The friendship and intimacy with great authors brings to the fore another general feature of great books: Great books transcend the historical age in which they are written. When we are really immersing ourselves in a great book, taking seriously that something in it might be true, the gap of temporal distance and cultural difference is closed. The book ceases to be merely a product of its age. This is something we teachers in great books programs must scrupulously guard: The tremendous potential these books have to be alive in the present rather than confined to a dead, remote past. When students in a Homer seminar start uttering generalities about “the Greeks,” I know something is wrong. They are failing to read Homer and are instead keeping him at a distance by consigning him to an unexamined, vague historical category. For those who are reading Homer for the first time, it is far more important that Homer speaks than that he once spoke.
Great books are liberating for professionals as well as for the young. They may even work to deepen a professional’s understanding of his own profession—his human relation and commitment to that profession. Great books give doctors, lawyers, businessmen, scientists, and professors an opportunity to re-think the goals, presuppositions, and inevitable limits of their professionalism. If the reader happens to be a doctor, a great book may induce reflection on what it means to be a doctor, or on the role of health in the pursuit of happiness. If the reader is a lawyer, a great book may arouse deep questions about the relation between law and morality. If the reader is a statesman, a great book may provoke serious reflection about the ultimate purpose of politics, the true meaning of freedom, the fragility of republics, or the connection between citizenship and education.
In addition to initiating us into the foundational ideas and traditions of our own civilization, great books also open our eyes and inspire our questioning. If to be free is to know oneself, then great books contribute greatly to our freedom. A great book holds up a mirror to its reader. It is a living mirror that gazes back at the reader with a look that asks: Do you know yourself?

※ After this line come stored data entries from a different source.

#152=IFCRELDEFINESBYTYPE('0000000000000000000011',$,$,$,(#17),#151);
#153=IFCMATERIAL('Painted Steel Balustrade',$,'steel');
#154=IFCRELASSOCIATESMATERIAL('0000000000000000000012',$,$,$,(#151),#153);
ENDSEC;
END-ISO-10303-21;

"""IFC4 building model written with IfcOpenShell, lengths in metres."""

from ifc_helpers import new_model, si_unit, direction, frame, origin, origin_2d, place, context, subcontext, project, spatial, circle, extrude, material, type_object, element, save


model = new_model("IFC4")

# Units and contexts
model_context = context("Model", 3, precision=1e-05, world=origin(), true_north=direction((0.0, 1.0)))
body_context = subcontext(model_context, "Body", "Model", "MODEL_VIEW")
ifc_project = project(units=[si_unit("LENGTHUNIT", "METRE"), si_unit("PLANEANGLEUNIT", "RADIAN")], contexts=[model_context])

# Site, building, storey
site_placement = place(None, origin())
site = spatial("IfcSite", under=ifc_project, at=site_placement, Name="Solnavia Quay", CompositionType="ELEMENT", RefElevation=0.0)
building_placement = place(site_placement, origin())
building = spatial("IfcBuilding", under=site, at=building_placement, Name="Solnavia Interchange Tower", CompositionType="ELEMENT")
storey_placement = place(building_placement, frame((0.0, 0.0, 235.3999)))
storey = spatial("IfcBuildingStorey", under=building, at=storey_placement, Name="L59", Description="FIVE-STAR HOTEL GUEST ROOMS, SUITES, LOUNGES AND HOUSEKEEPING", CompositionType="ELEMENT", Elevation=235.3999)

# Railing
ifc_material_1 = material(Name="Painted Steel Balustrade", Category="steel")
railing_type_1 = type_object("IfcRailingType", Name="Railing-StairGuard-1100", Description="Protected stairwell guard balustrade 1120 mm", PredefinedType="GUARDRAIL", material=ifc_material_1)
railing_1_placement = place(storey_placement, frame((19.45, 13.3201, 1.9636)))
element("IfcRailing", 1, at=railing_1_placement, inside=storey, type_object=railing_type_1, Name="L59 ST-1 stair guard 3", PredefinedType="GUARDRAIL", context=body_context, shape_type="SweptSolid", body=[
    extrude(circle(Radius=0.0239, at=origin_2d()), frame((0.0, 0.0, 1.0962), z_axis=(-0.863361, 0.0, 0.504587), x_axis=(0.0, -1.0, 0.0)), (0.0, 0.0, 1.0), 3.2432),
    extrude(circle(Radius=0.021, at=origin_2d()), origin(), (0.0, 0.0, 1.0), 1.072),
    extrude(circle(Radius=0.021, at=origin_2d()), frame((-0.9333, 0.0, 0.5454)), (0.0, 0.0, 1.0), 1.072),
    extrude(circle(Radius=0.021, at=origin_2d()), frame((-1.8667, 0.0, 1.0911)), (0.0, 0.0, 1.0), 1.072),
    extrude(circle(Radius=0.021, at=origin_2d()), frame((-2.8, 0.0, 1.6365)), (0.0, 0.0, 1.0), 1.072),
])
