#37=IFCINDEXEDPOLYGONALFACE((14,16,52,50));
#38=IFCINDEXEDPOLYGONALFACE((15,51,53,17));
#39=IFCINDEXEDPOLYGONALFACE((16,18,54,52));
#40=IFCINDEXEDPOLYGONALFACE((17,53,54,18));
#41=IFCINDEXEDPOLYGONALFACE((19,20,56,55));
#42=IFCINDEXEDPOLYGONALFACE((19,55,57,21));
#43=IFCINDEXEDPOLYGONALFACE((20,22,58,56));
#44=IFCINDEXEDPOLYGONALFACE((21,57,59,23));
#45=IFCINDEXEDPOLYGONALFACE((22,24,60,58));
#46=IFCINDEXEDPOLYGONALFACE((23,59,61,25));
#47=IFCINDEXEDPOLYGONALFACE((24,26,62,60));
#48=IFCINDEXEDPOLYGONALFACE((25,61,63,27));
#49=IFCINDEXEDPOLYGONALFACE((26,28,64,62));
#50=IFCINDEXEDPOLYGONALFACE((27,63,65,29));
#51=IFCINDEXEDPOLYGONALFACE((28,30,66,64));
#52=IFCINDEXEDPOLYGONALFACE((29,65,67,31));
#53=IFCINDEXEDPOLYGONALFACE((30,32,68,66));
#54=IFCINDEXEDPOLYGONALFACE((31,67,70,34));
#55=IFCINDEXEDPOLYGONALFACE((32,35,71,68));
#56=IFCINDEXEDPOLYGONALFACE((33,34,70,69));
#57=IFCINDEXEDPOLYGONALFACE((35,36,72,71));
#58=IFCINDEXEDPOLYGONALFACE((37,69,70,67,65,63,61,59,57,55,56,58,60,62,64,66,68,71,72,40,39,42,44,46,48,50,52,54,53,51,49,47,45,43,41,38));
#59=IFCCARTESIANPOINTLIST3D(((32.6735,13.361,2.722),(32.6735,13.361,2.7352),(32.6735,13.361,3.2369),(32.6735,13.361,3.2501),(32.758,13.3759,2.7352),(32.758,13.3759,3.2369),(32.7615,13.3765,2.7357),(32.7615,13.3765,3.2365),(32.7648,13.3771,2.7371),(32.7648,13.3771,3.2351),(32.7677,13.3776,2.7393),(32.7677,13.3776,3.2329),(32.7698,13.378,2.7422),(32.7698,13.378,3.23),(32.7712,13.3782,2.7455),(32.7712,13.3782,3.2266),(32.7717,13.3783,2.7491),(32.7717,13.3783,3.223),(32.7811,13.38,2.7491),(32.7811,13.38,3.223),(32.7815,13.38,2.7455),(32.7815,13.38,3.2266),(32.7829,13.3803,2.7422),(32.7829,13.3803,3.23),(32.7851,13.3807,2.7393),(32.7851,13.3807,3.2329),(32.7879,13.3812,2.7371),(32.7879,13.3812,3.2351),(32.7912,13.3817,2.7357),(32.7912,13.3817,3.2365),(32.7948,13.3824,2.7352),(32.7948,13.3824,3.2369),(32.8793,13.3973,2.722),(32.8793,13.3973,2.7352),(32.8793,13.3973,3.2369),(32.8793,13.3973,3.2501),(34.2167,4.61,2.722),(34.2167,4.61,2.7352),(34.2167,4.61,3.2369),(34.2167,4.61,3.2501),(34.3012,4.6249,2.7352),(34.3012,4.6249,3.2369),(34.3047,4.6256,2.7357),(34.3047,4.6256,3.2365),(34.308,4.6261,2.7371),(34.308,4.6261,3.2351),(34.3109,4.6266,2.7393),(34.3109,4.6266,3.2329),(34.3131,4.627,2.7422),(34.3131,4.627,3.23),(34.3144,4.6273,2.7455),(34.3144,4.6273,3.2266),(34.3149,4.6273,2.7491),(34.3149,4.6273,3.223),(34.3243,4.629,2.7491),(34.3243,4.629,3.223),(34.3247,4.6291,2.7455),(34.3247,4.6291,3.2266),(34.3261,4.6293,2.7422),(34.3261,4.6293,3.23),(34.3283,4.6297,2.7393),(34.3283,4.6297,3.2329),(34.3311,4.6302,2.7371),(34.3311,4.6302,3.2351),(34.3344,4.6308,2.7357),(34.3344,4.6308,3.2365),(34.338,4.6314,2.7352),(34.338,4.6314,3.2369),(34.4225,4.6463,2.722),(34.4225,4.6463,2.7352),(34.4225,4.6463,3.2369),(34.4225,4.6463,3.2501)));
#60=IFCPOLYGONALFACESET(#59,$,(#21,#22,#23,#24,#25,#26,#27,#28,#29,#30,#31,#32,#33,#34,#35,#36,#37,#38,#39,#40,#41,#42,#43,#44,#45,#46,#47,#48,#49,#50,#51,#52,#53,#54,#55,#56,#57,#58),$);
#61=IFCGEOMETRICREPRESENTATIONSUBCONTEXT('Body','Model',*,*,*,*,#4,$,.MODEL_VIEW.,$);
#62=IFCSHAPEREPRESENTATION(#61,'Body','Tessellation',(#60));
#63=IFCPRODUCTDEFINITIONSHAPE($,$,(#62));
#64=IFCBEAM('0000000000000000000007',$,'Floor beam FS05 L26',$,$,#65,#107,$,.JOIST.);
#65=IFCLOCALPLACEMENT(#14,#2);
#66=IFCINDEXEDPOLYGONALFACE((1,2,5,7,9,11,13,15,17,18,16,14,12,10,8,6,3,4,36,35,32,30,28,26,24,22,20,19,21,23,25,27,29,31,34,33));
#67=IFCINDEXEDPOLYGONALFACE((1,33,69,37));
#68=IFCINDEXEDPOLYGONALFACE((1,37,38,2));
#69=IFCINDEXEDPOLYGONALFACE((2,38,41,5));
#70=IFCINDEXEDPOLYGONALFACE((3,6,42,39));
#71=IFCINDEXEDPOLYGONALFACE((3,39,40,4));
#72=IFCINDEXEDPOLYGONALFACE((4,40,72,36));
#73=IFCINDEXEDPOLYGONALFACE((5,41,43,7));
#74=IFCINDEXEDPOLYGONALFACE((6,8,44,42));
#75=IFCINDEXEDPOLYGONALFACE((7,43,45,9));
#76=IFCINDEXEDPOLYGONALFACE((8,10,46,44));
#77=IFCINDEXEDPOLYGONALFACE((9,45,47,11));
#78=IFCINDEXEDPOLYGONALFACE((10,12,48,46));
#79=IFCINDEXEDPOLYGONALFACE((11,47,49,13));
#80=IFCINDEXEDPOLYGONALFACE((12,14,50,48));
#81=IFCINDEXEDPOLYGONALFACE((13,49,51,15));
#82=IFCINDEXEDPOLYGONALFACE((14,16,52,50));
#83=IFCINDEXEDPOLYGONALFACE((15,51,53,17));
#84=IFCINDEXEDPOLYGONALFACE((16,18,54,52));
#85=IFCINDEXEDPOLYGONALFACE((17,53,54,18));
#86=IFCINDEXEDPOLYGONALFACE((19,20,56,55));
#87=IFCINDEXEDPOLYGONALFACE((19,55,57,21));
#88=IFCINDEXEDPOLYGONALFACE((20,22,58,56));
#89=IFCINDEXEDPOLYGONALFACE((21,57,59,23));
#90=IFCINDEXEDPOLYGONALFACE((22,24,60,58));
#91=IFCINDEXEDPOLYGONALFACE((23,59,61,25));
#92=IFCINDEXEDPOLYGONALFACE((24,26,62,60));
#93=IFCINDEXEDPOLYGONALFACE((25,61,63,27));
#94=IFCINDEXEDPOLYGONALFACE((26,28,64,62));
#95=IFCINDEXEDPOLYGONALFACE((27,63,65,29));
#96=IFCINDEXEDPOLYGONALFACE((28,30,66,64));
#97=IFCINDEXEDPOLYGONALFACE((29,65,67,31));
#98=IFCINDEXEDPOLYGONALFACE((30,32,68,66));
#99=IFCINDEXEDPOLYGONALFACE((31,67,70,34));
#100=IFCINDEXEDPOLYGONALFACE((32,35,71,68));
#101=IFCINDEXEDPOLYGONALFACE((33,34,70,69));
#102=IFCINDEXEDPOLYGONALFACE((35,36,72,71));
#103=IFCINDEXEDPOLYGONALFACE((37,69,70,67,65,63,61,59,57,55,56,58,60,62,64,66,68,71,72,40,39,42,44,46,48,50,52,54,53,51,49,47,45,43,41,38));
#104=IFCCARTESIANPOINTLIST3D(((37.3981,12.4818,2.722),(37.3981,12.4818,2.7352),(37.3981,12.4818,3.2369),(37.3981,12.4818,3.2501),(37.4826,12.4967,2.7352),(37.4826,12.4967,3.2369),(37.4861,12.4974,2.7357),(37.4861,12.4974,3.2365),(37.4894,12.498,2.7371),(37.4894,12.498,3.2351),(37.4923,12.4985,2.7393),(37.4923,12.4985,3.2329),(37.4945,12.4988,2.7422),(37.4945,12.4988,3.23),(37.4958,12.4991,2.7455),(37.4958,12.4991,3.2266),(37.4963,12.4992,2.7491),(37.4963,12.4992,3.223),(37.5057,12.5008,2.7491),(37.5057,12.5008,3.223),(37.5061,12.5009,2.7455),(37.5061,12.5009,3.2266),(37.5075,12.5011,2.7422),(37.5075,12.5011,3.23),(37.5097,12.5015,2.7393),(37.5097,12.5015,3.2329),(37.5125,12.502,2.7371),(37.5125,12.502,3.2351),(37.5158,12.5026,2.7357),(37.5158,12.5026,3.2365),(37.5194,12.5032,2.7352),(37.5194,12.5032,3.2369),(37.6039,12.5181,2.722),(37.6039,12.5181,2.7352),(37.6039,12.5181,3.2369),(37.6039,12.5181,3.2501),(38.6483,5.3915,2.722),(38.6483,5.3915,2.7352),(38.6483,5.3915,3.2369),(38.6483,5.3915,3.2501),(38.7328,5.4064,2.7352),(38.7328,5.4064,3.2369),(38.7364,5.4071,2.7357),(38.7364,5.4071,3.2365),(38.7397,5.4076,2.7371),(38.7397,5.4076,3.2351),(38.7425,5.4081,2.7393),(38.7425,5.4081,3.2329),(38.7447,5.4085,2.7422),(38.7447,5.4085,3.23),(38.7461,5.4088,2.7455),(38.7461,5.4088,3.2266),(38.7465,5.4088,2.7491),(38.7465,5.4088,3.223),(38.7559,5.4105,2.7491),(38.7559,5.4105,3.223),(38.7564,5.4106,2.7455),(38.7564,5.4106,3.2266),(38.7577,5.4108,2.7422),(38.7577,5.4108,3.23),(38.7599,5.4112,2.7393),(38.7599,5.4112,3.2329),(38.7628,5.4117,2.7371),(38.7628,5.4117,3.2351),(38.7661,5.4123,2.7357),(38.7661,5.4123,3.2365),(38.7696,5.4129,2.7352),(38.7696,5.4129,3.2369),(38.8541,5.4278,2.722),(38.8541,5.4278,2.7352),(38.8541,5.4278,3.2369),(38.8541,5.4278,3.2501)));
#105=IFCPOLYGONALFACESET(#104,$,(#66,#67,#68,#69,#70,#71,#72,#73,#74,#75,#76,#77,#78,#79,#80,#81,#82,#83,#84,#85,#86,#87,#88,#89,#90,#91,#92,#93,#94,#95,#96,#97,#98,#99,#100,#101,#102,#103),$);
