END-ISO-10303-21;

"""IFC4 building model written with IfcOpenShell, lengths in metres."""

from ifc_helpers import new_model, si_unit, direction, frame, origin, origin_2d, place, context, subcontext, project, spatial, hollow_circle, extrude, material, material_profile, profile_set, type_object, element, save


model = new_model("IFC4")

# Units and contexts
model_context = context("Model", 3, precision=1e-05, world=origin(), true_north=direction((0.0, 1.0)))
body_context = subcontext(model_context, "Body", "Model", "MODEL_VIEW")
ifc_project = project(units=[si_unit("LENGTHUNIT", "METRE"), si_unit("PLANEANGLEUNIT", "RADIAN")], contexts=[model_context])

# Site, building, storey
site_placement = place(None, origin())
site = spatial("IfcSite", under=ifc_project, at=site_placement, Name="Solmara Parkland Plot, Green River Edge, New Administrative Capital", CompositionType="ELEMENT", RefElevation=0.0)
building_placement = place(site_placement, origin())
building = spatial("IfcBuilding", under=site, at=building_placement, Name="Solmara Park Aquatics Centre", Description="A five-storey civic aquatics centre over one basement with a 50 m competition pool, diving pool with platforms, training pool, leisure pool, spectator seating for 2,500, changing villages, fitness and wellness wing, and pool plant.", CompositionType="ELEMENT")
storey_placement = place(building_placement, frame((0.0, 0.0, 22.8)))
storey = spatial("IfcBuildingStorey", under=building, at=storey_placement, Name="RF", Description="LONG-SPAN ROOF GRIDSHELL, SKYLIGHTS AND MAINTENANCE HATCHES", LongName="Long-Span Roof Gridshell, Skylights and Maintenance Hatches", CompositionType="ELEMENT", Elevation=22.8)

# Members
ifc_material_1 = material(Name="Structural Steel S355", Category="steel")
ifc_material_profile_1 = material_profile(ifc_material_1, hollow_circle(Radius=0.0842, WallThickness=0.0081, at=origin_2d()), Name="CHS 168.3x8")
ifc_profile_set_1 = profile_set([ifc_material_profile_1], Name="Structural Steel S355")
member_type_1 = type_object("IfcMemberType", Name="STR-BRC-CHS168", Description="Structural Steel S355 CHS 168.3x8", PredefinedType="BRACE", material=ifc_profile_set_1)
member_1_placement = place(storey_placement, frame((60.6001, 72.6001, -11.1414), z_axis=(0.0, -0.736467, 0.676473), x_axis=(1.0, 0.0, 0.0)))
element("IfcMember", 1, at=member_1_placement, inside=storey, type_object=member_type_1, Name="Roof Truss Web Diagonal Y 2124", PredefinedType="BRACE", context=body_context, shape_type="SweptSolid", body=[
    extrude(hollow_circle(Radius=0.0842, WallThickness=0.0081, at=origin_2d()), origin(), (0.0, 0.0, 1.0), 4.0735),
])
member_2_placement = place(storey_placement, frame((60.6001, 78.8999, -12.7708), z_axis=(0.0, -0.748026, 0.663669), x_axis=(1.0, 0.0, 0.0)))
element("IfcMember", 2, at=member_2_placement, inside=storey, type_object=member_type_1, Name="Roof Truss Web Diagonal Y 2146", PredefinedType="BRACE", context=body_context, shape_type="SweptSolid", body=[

The Platonic dialogues are a perfect example of how great books function in our pursuit of self-knowledge and freedom. I hope those of you who have read some Plato, or else are about to read him, will go on to read dialogues of his not included in the Great Books Program. You will be amazed at their richness and depth. In the dialogues, we meet a philosopher named Socrates, who constantly goes around Athens asking questions of his fellow citizens. He is one of the most fascinating characters you will ever meet in a book. Having met him once, you may not be able to get him out of your mind for the rest of your lives. Socrates’ favorite question, which no one can answer successfully, has the childishly simple form, “What is it?” “What is virtue?” he asks in the Meno. Socrates’ simple question elicits answers from the people he talks with. But these answers all founder on the rock of sustained inquiry. It is convenient to write off Socrates as a trickster who is better than anybody else at getting people to contradict themselves. This spares us the trouble of taking his refutations seriously. But it is more helpful for our learning, and more accurate, to regard Socrates as someone who knows how to awaken the oppositions that lie dormant in every unexamined opinion. Sometimes what he awakens is the awareness that an opinion we hold very strongly and which we think we came up with all on our own, is really somebody else’s opinion, which we have unthinkingly appropriated. Through his hero Socrates, Plato teaches us that until we reflect on our opinions and submit them to questioning, we are their slaves. This is why, to quote Socrates, “the unexamined life is not worth living.” This famous saying can be translated in an even more alarming way: “The unexamined life is not lived.”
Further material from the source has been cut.